As the holiday season draws to a close, it’s back to work and school for many. After a long, relaxing break, this adjustment can be challenging, not only for you, but for your beloved pet too! Think about it – with an endless supply of fun, love and attention over the holidays, soon they’ll be left on their own for a longer stretch of time, or for those working from home, you are now unable to give them as much attention as before. Some may experience separation anxiety, become stressed or just get very bored.
To make this transition as smooth as possible for both you and your beloved pet, we spoke to certified dog behaviourist and trainer Ludovica Barnato for some advice. Below are her top tips to help prepare your pet for your return to work. We thank Ludovica for sharing her expertise with us.
1. Go back to your old routine
During the holidays, the structure and routine that work and school imposes on the family tends to go out of the window. Perhaps you spent more time together as a family, went to bed late at night, slept in, or enjoyed a late breakfast. Either way, your pet has likely become used to this flexible routine, and they will need your help to return to your older one. Therefore, before heading back to work, it’s a good idea to set fixed times for your pet’s play, exercise, walking and meals to ease them back into your work routine. These timings should be similar to what they can expect on your workdays.
2. Start leaving your home more frequently
No matter how hard it might be (for you and your pet), you have to start leaving your pet alone to prepare them for your absence. You can start small by leaving your home for a short period of time. Then, gradually increase the duration of your departures. This way, you can slowly reintroduce them to the idea of being left alone and help them understand that you will always come back. It’s important to continuously monitor your pet’s behaviour for this exercise. For instance, if you notice any signs of stress when you leave, then shorten the length of your absence accordingly.
3. Keep them busy
Prevent your pet from getting bored while you are at work by leaving out some fun activities. If you have a dog, treat stuffing toys like these ones by Kong and Rogz, and treat dispensing toys like this one by GiGwi are great, as they encourage dogs to use some of their problem-solving skills as they try to retrieve the tasty snack inside. For cats, toys such as this Zee.cat Feather Teaser or this All For Paws Interactive Lazer Beam are great for keeping your cat stimulated and entertained on their own.
4. Create a comforting space of their own
Consider setting up a designated space in your home for your pet before you go back to work. This can consist of a bed and blanket, their favourite cuddle or chew toy for dogs, or a scratch post for cats. This can help provide some much-needed comfort and safety while you’re away. You can start encouraging your pet to stay there and not follow you with some toys and treats. This way, they’ll gradually learn that being separated from you can be a pleasurable experience. Leaving the television or radio on low when you leave your home is also a good idea, as many pets find the background noise comforting compared to complete silence.
5. Provide daily exercise
Life might become a lot busier when you return to work, but it’s important to continue to provide your pet with opportunities for daily exercise and play. Perhaps you can exercise your pet before you leave home for work, as this can help keep them relaxed during the day while you’re out.
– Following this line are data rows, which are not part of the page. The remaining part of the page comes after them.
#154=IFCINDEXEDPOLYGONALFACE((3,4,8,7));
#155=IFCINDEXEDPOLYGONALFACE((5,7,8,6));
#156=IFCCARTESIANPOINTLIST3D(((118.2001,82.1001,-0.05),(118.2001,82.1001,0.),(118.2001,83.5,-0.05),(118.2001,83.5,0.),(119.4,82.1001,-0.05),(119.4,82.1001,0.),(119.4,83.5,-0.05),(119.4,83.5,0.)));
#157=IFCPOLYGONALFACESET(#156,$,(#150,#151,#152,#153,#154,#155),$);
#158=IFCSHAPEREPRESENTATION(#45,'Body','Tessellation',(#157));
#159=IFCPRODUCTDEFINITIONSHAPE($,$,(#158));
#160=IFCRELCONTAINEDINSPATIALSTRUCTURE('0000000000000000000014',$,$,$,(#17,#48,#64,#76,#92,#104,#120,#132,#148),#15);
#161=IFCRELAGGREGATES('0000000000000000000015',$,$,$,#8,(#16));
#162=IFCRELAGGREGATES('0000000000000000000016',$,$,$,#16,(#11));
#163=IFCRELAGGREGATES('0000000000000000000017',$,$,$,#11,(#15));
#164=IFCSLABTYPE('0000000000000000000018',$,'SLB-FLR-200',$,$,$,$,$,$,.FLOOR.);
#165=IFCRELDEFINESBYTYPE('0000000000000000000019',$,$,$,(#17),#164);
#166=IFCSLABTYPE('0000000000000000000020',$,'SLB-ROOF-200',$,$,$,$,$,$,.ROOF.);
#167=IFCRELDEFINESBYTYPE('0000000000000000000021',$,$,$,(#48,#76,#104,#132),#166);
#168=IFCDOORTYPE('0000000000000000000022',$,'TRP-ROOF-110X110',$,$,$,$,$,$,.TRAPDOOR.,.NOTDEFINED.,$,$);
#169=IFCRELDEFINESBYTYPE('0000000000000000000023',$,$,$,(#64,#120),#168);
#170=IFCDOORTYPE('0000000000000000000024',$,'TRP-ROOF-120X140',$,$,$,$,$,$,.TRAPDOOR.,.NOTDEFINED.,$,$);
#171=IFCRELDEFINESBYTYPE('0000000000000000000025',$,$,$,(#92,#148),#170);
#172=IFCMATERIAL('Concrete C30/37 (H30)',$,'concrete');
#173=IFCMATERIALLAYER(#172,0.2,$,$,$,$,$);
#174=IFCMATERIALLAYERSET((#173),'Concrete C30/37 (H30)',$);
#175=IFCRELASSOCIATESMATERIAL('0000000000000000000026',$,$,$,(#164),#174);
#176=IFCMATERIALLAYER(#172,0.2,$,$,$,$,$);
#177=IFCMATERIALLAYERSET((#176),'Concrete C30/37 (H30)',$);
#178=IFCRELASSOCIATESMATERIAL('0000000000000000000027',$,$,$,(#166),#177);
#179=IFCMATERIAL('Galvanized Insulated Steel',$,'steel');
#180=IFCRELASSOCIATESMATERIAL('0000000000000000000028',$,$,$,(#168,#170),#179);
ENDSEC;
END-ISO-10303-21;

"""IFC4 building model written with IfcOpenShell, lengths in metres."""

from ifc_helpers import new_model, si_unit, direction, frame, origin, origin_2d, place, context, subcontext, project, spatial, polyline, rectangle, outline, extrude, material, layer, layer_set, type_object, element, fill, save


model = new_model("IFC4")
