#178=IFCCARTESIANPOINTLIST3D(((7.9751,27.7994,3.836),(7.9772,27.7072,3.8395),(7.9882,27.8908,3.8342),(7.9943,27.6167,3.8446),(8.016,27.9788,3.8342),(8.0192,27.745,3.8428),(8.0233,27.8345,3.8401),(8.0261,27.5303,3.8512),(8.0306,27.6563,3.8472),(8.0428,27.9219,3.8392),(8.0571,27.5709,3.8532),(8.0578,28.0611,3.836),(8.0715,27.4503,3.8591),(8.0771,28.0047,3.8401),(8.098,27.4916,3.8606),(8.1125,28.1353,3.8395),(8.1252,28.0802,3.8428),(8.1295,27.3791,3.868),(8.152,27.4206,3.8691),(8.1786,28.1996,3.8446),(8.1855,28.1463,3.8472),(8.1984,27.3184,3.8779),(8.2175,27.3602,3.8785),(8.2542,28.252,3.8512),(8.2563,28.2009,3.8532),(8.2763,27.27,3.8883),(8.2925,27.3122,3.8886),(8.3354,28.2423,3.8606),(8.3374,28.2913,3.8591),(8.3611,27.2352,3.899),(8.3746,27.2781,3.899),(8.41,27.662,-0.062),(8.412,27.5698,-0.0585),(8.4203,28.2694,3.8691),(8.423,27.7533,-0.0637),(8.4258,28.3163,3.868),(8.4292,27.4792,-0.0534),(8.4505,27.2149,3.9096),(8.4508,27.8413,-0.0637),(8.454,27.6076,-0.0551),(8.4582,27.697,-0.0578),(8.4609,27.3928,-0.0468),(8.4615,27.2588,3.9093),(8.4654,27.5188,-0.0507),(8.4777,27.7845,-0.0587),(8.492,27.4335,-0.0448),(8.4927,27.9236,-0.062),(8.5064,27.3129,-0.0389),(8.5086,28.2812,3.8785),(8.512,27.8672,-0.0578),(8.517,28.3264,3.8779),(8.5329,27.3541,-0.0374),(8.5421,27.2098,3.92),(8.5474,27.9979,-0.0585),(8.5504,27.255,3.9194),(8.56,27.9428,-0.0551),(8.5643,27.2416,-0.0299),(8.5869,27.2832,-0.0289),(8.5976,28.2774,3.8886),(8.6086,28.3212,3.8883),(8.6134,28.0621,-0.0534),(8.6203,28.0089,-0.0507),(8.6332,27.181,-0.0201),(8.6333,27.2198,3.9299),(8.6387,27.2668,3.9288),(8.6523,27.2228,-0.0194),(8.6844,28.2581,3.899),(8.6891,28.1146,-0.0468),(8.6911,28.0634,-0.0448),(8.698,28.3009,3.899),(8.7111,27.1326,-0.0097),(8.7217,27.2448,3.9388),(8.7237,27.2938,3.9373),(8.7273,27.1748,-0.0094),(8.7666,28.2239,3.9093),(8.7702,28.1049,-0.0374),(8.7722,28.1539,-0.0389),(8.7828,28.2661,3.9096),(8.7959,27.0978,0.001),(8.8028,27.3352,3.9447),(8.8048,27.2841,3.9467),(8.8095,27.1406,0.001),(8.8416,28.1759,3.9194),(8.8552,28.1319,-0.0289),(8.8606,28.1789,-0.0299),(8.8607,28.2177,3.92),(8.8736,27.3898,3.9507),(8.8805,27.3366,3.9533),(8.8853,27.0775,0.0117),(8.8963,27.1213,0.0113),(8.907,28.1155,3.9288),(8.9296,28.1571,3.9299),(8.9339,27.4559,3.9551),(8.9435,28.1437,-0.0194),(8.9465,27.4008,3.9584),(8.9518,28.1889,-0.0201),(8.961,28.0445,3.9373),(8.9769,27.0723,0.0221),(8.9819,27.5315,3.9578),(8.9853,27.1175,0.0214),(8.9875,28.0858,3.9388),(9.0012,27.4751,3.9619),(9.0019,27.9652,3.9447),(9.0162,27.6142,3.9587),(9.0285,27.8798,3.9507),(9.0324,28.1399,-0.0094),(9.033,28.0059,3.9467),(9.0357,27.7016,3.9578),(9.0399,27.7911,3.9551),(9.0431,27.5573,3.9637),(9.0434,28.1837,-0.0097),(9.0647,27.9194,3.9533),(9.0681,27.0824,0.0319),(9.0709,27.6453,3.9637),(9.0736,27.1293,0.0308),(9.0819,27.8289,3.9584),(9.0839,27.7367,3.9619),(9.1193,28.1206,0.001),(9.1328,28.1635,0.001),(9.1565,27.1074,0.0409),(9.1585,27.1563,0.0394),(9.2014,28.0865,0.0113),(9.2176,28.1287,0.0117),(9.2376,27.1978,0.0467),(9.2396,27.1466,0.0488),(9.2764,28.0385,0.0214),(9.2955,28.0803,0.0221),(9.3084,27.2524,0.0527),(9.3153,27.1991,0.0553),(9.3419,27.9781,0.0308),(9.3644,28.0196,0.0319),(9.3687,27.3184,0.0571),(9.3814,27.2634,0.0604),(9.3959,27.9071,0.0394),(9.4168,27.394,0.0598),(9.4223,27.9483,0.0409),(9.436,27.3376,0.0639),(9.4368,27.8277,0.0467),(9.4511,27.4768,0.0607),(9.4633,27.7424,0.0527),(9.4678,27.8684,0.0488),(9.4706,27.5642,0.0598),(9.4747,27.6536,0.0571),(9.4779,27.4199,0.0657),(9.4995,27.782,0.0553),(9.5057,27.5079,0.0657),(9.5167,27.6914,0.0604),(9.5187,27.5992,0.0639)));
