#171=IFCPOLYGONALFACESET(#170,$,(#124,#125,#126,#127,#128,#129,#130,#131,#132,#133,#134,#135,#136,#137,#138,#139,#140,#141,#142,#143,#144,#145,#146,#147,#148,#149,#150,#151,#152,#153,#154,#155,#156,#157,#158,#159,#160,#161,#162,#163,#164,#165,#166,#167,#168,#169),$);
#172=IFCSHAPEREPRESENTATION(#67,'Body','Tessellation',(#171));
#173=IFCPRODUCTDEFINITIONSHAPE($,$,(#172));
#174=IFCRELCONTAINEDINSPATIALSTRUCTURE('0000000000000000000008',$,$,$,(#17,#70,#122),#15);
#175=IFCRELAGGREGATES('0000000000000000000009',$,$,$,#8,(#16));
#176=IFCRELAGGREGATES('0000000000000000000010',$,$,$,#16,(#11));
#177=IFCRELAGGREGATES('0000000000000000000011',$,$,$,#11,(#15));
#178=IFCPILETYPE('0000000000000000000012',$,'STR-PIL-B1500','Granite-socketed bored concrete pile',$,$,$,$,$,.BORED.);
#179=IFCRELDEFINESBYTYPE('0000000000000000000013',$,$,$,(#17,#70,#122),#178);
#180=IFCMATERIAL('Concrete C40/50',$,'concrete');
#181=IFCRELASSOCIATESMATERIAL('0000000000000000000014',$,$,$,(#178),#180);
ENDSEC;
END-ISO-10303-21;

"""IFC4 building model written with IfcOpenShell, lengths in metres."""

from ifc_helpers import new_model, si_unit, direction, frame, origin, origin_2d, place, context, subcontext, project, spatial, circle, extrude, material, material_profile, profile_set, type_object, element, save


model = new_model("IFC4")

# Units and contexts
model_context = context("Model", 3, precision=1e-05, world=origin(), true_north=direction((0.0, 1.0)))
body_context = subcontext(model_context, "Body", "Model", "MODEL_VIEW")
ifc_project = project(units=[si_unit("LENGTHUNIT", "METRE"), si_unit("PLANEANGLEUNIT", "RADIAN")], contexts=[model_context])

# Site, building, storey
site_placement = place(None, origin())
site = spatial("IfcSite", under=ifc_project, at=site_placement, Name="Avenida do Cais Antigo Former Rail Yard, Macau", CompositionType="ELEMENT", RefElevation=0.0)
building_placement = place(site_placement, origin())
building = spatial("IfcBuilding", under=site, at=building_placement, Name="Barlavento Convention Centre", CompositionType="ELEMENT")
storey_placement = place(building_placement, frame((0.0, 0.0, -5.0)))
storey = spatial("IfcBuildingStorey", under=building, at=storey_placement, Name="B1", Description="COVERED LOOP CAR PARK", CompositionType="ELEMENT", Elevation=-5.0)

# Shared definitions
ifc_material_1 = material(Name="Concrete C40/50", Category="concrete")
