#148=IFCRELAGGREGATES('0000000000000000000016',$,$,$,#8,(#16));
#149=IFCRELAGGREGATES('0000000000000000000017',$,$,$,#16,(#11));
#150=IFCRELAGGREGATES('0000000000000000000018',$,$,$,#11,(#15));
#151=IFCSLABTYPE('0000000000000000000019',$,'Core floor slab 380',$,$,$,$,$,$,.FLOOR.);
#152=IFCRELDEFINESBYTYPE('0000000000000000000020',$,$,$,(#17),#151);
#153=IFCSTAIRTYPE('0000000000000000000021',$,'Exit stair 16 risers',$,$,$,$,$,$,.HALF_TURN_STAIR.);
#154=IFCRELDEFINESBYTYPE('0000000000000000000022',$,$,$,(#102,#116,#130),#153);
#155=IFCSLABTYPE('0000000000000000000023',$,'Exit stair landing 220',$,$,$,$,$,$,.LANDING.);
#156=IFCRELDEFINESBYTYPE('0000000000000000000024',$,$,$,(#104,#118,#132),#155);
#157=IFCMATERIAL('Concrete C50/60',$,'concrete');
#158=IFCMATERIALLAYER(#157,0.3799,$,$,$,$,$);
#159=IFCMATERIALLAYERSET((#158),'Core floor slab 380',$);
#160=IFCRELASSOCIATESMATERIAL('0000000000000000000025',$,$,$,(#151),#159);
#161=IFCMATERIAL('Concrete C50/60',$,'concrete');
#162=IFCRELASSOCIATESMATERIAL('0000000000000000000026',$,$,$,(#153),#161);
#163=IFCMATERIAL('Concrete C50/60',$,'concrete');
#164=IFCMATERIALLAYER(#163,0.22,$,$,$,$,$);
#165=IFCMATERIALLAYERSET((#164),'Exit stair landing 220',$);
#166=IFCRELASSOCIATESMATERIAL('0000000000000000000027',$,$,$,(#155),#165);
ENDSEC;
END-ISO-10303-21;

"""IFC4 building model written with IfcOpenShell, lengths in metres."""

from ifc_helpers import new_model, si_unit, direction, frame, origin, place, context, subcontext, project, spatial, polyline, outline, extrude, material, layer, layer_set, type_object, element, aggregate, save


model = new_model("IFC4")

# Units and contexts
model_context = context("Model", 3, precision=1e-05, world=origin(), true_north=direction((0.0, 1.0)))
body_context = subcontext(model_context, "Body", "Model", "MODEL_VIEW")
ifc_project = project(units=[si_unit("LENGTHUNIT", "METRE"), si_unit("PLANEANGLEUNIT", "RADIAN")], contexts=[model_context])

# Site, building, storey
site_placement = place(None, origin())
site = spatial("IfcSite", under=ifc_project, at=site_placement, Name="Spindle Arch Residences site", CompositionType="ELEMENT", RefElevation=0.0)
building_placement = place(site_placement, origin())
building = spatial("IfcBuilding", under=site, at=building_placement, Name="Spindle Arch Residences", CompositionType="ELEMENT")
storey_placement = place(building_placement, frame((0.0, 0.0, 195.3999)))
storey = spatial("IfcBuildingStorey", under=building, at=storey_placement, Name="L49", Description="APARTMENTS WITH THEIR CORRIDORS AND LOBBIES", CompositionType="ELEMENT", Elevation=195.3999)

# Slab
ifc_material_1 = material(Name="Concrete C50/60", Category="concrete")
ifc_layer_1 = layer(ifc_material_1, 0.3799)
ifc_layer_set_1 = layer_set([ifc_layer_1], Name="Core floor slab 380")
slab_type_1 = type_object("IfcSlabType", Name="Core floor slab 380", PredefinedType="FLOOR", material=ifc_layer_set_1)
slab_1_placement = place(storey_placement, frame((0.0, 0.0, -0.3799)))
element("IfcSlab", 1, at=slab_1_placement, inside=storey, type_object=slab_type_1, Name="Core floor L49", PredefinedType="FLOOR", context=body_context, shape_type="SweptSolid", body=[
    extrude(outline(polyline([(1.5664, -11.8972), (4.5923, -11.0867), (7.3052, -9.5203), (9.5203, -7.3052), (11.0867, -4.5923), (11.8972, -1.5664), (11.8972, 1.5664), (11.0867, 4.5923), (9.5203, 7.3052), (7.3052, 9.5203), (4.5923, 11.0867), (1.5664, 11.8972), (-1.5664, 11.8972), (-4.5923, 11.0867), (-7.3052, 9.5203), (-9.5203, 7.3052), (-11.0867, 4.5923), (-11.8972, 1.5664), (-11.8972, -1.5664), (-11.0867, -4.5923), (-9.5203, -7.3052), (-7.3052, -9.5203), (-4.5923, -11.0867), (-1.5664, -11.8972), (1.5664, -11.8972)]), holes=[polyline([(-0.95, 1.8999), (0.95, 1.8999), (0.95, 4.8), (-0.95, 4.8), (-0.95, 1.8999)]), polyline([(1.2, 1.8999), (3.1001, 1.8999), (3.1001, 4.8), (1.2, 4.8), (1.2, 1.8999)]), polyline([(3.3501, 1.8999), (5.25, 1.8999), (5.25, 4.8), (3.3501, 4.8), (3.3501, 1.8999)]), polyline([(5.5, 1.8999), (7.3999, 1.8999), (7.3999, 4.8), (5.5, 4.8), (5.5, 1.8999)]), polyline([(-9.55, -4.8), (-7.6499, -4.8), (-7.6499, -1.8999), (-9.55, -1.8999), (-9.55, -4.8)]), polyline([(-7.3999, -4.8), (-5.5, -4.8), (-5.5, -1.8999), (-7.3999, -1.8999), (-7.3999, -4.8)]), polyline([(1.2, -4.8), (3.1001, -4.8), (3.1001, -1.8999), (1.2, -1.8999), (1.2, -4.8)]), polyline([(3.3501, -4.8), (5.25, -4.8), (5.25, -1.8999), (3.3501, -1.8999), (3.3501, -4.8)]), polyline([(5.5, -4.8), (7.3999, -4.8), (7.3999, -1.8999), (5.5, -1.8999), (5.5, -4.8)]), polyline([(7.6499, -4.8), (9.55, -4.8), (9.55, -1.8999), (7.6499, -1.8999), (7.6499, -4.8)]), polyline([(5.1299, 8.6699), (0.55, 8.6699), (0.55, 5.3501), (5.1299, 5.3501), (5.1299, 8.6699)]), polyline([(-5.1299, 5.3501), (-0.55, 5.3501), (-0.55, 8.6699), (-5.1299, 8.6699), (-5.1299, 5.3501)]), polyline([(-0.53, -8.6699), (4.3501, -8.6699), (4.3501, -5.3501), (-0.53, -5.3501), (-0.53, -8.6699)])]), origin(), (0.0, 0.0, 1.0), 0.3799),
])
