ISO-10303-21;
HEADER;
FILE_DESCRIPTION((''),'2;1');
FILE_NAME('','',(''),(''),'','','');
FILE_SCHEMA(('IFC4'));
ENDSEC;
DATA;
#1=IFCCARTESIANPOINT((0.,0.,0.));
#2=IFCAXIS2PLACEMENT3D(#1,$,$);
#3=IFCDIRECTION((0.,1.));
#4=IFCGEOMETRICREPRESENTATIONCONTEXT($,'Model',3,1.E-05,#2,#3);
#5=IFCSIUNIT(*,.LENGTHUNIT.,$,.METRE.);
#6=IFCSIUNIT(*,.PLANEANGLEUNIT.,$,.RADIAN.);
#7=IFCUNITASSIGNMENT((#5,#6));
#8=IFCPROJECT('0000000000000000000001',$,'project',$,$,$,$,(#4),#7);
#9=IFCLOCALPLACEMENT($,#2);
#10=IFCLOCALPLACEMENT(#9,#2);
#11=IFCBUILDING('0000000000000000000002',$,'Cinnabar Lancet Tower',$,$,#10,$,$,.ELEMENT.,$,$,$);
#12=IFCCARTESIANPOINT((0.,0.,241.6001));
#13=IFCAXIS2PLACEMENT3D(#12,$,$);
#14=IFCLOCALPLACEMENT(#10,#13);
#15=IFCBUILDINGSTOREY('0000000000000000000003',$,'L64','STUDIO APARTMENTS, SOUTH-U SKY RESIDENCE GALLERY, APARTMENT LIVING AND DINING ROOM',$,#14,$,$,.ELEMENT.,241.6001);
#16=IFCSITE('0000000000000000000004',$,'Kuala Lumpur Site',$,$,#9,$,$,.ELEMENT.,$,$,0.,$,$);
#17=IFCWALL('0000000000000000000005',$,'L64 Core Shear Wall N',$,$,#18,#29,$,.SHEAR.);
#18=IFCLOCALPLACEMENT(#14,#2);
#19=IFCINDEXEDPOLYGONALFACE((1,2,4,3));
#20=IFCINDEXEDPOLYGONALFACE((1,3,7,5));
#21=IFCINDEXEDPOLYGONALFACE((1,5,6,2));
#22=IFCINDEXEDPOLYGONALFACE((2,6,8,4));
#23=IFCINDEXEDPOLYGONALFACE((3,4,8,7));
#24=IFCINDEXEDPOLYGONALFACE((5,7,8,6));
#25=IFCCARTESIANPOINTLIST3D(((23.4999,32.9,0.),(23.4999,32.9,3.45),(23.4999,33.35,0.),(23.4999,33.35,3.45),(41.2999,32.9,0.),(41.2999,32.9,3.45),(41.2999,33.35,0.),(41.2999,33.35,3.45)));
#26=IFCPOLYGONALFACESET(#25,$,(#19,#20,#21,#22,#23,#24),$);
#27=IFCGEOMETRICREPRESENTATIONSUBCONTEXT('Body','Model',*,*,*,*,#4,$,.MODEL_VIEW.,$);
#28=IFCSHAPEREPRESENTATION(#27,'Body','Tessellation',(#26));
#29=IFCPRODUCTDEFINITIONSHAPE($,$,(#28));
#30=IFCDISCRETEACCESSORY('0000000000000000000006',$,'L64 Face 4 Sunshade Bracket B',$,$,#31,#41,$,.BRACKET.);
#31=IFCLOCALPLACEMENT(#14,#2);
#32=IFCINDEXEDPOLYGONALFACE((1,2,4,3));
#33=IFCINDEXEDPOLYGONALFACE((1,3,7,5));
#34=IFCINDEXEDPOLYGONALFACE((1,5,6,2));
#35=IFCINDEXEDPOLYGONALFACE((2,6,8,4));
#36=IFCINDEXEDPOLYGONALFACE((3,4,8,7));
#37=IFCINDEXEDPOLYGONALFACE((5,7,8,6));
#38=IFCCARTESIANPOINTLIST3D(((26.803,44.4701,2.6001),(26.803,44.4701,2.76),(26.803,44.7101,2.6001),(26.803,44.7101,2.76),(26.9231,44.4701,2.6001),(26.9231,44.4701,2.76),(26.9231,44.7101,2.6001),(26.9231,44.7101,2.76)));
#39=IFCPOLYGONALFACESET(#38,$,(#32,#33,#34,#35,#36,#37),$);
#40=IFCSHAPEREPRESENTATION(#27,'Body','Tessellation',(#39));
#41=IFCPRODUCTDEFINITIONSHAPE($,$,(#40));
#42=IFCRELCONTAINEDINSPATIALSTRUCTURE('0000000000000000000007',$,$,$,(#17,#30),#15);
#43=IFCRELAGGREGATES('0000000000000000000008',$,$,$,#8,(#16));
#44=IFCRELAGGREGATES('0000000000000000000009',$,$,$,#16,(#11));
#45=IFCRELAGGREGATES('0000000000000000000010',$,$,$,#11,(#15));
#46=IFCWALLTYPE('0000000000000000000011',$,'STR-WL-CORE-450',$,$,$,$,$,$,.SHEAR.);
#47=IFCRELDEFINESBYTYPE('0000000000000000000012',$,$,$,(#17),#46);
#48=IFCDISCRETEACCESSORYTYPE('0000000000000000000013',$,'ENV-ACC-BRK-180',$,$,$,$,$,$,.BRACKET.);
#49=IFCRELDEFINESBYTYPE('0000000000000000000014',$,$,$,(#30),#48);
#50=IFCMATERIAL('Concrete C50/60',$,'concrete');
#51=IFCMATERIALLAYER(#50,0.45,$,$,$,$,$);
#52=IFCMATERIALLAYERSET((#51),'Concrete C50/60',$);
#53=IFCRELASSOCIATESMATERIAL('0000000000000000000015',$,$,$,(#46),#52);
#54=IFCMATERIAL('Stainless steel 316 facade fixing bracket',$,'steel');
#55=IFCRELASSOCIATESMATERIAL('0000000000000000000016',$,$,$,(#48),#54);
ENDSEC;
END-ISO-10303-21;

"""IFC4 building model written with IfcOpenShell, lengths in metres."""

from ifc_helpers import new_model, si_unit, direction, frame, frame_2d, origin, origin_2d, place, context, subcontext, project, spatial, rectangle, extrude, material, layer, layer_set, type_object, element, save


model = new_model("IFC4")

# Units and contexts
model_context = context("Model", 3, precision=1e-05, world=origin(), true_north=direction((0.0, 1.0)))
body_context = subcontext(model_context, "Body", "Model", "MODEL_VIEW")
ifc_project = project(units=[si_unit("LENGTHUNIT", "METRE"), si_unit("PLANEANGLEUNIT", "RADIAN")], contexts=[model_context])

# Site, building, storey
site_placement = place(None, origin())
site = spatial("IfcSite", under=ifc_project, at=site_placement, Name="Kuala Lumpur Site", CompositionType="ELEMENT", RefElevation=0.0)
building_placement = place(site_placement, origin())
building = spatial("IfcBuilding", under=site, at=building_placement, Name="Cinnabar Lancet Tower", CompositionType="ELEMENT")
storey_placement = place(building_placement, frame((0.0, 0.0, 241.6001)))
storey = spatial("IfcBuildingStorey", under=building, at=storey_placement, Name="L64", Description="STUDIO APARTMENTS, SOUTH-U SKY RESIDENCE GALLERY, APARTMENT LIVING AND DINING ROOM", CompositionType="ELEMENT", Elevation=241.6001)

# Wall
ifc_material_1 = material(Name="Concrete C50/60", Category="concrete")
ifc_layer_1 = layer(ifc_material_1, 0.45)
ifc_layer_set_1 = layer_set([ifc_layer_1], Name="Concrete C50/60")
wall_type_1 = type_object("IfcWallType", Name="STR-WL-CORE-450", PredefinedType="SHEAR", material=ifc_layer_set_1)
wall_1_placement = place(storey_placement, frame((23.5, 33.125, 0.0), z_axis=(0.0, 0.0, 1.0), x_axis=(1.0, 0.0, 0.0)))
element("IfcWall", 1, at=wall_1_placement, inside=storey, type_object=wall_type_1, Name="L64 Core Shear Wall N", PredefinedType="SHEAR", context=body_context, shape_type="SweptSolid", body=[
    extrude(rectangle(XDim=17.8, YDim=0.45, at=frame_2d((8.8999, 0.0))), origin(), (0.0, 0.0, 1.0), 3.45),
])

# Discrete accessory
ifc_material_2 = material(Name="Stainless steel 316 facade fixing bracket", Category="steel")
discrete_accessory_type = type_object("IfcDiscreteAccessoryType", Name="ENV-ACC-BRK-180", PredefinedType="BRACKET", material=ifc_material_2)
discrete_accessory_placement = place(storey_placement, frame((26.863, 44.5901, 2.6001), z_axis=(0.0, 0.0, 1.0), x_axis=(-1.0, 0.0, 0.0)))
element("IfcDiscreteAccessory", 2, at=discrete_accessory_placement, inside=storey, type_object=discrete_accessory_type, Name="L64 Face 4 Sunshade Bracket B", PredefinedType="BRACKET", context=body_context, shape_type="SweptSolid", body=[
    extrude(rectangle(XDim=0.1201, YDim=0.24, at=origin_2d()), origin(), (0.0, 0.0, 1.0), 0.1599),
])

save(model, "model.ifc")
Or you can provide some exercise after work, which will help them get rid of the excess energy they’ve built up during the day, as well as ensure a good night's sleep. Either way, physical exercise helps to release pent-up energy, which can in turn keep your pet calm and relaxed while you’re at work.
6. Consider pet daycare or pet setting
If you don't want to leave your pet at home alone all day, then a pet daycare is a great option. These provide your pet with opportunities for socialisation, exercise, and lots of play. If your pet isn’t comfortable at daycare, consider a reputable pet sitter and/ or dog walker who can provide your pet with one-on-one attention and exercise while you’re at work.
7. Asks the experts for help
Being away from your pet is bound to be a difficult transition for you both, so be patient as you adjust them to your work routine. However, if you notice any signs of excessive stress or anxiety, such as excessive shaking, pacing, chewing, or other destructive forms of behaviour, it’s best to reach out to your veterinarian or an accredited animal behaviourist who can help.
We would like to extend our thanks to Ludovica Barnato for sharing her expertise with us to put together this article. We hope you have found this helpful.